Que era maravilhosa mesmo, sem dúvidas mas pra alguns. Pra ele, até ali, tudo muito difícil. Desde a sua chegada já quase tivera que vender por duas vezes aquele que era seu único bem: o carro. Que o conduziu de Minas Gerais ao Rio de janeiro. Mas ele não venderia. Amava aquele carro como nunca amou ninguém. Passaria fome mas não venderia o carro.
O carro, que foi um dia de seu pai, mecânico parrudo, pançudo e prosaico, de raciocínio fraco e mãos fortes, sempre cobertas de graxa. No carro havia investido todas as economias (o via como uma espécie de passaporte para o sucesso) salvando apenas o suficiente para chegar ao Rio e se estabelecer. Por aqui, quando chegou, encontrou apenas solidão. Num puxadinho, alugado, em São Gonçalo: um banheiro 1 por 1, um quarto quase tão apertado quanto cansado e sujo, um sofá velho, com encosto surrado e uma cama de solteiro com um dos pés quebrado. Alguma coisa que talvez na China seja uma cozinha, enfim, e mais nada. A vista do cimento e das janelas vergonhosas das famílias envergonhadas de mais um prédio qualquer. Enfim, uma merda! Mas se fosse fácil... Ele pensava. Tudo isso e ainda longe pra caramba de Ipanema. Porque ele, que não era bobo nem nada, sabia que as "oportunidades" fugiam de São Gonçalo (como foge o diabo da cruz) e que iam todas passear pelas lindas paisagens litorâneas, mais ao sul, em Ipanema, onde, dizem ser mais interessantes e valiosas. Foi lá, em Ipanema, que buscou trabalho desde o primeiro dia. Após meses de batalha, frustração e medo, tinha, afinal, cinco semanas atrás, contando a partir de hoje, conseguido um emprego como garçom em uma lanchonete, após idas e mais idas anteriores e em vão, ao bairro. Era um bom começo, acreditava. A lanchonete era bem em frente à praça onde, agora, observa com cara de bobo seu recém estacionado carro. O carro, que fora de seu pai, mecânico honesto, o carro que ele tanto amava. Que era o seu maior motivo de orgulho, e que logo passou a ser maior motivo de deboche dos colegas de trabalho. Mas ele nem ligava. Gostava demais daquilo. Passava horas e horas indo de casa pro trabalho e do trabalho pra casa dentro daquele carro, mas gostava. Se sentia feliz como em nenhum outro lugar.

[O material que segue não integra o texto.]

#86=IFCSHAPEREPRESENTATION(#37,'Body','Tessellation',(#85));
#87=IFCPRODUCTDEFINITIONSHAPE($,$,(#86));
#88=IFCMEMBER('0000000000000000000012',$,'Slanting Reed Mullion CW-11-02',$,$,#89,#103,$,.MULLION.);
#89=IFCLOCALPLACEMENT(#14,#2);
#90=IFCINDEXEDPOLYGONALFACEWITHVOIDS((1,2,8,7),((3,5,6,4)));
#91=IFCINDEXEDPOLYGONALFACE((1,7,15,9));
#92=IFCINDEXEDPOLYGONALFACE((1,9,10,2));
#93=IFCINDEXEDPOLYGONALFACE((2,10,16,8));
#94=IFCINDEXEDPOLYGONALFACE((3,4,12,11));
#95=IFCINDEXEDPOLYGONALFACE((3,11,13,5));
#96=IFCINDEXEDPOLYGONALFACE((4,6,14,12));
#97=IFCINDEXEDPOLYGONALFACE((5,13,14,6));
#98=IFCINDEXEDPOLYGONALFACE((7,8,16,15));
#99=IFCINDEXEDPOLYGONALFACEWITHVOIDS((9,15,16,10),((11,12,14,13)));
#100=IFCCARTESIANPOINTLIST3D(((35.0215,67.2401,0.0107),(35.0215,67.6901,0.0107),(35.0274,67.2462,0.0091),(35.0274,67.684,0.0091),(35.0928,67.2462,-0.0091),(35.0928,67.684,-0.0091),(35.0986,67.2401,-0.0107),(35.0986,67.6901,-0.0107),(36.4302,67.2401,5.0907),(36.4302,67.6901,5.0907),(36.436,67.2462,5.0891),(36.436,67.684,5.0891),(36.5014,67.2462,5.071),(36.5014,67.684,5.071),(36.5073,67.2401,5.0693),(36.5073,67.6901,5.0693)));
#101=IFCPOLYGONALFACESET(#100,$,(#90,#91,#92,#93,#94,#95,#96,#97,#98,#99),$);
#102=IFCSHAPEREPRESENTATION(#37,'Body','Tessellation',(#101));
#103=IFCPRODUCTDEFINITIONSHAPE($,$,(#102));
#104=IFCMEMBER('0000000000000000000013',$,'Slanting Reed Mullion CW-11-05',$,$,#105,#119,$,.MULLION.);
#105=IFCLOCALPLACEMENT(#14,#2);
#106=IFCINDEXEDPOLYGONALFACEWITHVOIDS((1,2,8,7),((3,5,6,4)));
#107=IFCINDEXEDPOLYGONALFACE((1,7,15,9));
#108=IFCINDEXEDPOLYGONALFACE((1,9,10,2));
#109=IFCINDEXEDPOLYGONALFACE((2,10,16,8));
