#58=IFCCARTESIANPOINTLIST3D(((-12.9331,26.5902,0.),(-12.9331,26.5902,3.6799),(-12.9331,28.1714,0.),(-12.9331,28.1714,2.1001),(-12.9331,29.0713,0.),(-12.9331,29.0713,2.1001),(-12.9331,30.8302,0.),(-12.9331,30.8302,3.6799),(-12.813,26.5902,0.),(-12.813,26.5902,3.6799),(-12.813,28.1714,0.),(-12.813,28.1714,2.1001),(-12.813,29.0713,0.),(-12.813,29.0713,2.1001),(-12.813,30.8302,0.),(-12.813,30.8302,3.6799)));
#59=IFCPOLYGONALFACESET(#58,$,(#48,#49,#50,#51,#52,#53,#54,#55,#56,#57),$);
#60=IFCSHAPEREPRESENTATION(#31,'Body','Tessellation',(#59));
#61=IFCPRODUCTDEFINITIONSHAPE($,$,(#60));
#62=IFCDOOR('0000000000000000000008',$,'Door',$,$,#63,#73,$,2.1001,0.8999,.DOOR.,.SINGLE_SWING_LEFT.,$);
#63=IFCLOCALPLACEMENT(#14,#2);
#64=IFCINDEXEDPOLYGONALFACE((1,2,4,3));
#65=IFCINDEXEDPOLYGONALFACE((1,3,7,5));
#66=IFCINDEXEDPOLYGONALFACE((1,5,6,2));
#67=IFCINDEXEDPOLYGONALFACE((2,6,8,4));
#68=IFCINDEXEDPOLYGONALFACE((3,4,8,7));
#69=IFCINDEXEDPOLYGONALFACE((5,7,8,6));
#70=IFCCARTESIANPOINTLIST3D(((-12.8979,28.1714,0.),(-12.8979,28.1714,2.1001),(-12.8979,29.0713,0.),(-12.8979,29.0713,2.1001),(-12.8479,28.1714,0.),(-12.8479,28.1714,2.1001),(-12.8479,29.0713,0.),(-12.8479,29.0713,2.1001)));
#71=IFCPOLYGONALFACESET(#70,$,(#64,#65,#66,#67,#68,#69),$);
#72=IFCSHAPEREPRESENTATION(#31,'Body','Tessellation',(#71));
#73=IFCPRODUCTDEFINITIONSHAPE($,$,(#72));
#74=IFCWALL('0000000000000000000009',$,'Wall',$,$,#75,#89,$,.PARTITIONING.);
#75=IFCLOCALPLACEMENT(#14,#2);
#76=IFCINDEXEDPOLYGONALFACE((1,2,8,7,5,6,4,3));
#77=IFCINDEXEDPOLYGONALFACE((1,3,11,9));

Hoje, finalmente, encontrou a vaga com a qual tanto sonhou. Estava ali, como que esperando por ele; e pelo carro que tanto amava, e que fora de seu pai, e onde investira suas economias. Contemplou o carro estacionado e sua mente se pôs a imaginar o quanto mais de sorte aquele lindo dia ainda lhe reservava. No fim das contas, foi um dia como outro qualquer. Trabalhou, almoçou, descansou não mais que meia hora e viveu cada um dos minutos do dia sorridente, a viajar pela praça, flutuando e visualizando mentalmente seu carro, lá, parado ao sol. No fim do dia, depois de arrumar as mesas, os banheiros, o salão e a cozinha rumou de volta à vaga na praça, pensando - sem - querer - pensar em onde teria ficado seu dia de sorte. Se era só isso que lhe traria e convencendo-se, sem se aprofundar nas incertezas, de que alguma coisa melhor ainda estava por vir. Tinha que estar.
- Quem sabe amanhã?
E ia. Ainda cheio de esperança e de orgulho de si e do carro, e daquele que estava se tornando, finalmente. O que iriam dizer lá em casa? Dormiria feliz nesta noite, pensou. Chegando ao carro, encontrou-o aguardando por seu dono, sorridente, deitado todo espaçoso, naquela preciosa vaga, à beira da mais famosa praça, do mais famoso bairro, da mais bonita cidade do mundo. Parado em frente à ela, contemplou-a, peito inflado, ombros erguidos, cheio de importância no olhar, e conversou - dentro da própria cabeça:
- Ri agora, Valdemar. Ri de mim. E do meu carro. Hoje eu sou que nem eles, Valdemar. Vou pegar meu carro na vaga da praça e vou dirigir até a minha casa. Como eles fazem todos os dias. E você, Valdemar? Você deve estar aí, num metrô primeiro e depois num ônibus, tudo lotado, sentindo cheiro de sovaco. ha ha ha!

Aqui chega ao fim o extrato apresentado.